Film star plans more Island time, says `come talk about the movies'
Hollywood superstar Michael Douglas says he'll be spending more time in Bermuda and wants would-be guests to his family's newly-refurbished cottage colony to come and "talk about the movies'' with him.
The son of film legend Kirk Douglas and Bermudian Diana Darrid (formerly Dill) presided over the official introduction of Ariel Sands Beach Club's new look on Friday night.
Hundreds of invited guests lined up for the chance to rub shoulders with a true tinseltown titan -- even if just for a photo, handshake and a few briefly exchanged pleasantries.
The 50-room property has added a meeting centre, gym and spa and joined the prestigious Bermuda Collection providing guests with the option of the "dine around'' programme with The Reefs, Cambridge Beaches, Lantana, Pompano and Stonington Beach.

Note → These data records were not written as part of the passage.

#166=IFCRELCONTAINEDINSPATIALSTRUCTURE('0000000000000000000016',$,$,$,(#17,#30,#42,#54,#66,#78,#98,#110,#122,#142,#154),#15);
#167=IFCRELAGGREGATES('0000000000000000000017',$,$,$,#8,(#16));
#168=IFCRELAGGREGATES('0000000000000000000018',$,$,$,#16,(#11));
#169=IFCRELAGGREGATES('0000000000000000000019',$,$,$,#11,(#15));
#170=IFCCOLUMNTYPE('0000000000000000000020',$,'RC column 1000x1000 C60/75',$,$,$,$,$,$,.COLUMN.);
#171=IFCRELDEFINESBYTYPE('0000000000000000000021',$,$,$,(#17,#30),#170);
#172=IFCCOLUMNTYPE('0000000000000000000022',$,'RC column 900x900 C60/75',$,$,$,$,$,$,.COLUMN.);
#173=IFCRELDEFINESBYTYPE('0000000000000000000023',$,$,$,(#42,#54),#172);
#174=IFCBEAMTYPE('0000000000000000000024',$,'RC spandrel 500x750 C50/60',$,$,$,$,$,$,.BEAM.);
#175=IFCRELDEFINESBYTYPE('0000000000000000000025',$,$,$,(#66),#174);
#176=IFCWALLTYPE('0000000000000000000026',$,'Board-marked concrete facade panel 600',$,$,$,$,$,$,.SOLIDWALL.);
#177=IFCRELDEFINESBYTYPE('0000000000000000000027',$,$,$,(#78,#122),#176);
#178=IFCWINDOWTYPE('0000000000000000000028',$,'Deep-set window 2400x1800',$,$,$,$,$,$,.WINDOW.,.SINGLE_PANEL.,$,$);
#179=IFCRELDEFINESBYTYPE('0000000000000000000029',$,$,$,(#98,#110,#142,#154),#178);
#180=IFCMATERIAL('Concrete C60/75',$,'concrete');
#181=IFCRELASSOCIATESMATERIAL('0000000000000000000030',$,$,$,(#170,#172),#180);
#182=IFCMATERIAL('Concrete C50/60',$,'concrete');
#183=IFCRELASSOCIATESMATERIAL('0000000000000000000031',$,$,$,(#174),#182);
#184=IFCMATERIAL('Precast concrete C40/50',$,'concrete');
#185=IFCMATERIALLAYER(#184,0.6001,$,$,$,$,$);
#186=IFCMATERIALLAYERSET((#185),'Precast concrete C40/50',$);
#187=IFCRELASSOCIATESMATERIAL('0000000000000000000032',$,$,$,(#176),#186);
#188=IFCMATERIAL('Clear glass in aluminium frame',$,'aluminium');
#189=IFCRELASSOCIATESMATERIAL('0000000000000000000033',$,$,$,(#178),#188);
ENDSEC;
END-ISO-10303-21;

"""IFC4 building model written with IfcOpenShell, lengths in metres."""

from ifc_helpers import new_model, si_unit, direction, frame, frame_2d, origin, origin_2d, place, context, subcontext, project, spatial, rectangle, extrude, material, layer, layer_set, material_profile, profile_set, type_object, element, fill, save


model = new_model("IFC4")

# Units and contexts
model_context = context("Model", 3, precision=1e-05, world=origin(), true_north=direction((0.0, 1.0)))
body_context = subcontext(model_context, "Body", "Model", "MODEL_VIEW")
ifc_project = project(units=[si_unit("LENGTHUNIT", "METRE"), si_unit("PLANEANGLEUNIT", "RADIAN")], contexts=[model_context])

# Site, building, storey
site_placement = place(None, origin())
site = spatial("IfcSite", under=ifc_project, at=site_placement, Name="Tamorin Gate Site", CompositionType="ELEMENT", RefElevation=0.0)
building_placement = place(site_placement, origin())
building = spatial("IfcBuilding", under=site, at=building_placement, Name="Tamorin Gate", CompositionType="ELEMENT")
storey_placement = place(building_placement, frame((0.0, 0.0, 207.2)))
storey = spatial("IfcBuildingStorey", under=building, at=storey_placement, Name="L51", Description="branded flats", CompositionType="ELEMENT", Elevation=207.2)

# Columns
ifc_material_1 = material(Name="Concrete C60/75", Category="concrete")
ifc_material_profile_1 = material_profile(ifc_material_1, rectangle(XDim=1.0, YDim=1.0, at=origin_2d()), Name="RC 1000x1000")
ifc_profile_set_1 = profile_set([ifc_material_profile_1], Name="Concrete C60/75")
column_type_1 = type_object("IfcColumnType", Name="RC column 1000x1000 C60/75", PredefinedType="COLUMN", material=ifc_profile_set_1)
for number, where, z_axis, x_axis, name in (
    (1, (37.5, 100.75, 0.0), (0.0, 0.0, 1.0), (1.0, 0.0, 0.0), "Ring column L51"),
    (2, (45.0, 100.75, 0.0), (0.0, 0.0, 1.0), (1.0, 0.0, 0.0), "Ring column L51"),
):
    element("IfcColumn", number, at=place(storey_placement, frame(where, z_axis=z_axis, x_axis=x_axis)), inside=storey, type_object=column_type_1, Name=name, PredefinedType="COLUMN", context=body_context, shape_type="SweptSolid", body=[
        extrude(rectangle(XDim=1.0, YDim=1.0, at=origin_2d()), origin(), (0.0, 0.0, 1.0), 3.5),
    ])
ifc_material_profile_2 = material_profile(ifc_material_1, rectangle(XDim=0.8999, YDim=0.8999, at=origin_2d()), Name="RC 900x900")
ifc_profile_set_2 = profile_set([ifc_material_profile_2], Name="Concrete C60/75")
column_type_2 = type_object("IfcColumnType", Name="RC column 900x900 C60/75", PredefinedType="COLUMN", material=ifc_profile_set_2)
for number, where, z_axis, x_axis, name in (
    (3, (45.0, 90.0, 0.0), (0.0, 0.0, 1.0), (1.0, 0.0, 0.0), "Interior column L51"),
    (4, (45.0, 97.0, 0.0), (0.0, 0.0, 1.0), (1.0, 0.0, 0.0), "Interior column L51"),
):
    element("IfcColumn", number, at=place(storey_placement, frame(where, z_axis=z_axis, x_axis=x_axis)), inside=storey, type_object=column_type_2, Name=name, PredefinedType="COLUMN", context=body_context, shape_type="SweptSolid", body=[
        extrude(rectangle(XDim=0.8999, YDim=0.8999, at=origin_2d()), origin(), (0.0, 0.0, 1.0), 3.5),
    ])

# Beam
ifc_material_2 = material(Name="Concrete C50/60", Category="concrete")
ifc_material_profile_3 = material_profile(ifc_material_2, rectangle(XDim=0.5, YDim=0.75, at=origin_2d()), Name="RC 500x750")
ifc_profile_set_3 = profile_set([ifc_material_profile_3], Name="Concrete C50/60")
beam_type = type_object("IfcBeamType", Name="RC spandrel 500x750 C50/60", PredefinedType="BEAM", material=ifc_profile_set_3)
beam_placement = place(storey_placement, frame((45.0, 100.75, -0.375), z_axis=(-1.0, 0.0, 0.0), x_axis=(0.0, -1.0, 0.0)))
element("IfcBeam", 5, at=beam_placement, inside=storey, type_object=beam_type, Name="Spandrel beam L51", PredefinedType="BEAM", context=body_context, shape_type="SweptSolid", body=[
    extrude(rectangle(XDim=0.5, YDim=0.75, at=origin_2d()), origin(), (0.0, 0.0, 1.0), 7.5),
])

Ariel Sands director and president Nicholas Dill said the decision to pump $5 million into renovating Ariel Sands came with changes in the tourism industry.
Now the property was aiming "to try to persuade people in the exempted company industry to enjoy life a little and spend some more time relaxing with their wives and friends and yet have the necessary facilities for doing their business''.
Mr. Douglas recalled he had been visiting his family in Bermuda and coming to Ariel Sands for some 40 years but now found himself at "another age'' as compared to the time when he had an unfortunate accident on an auxiliary cycle.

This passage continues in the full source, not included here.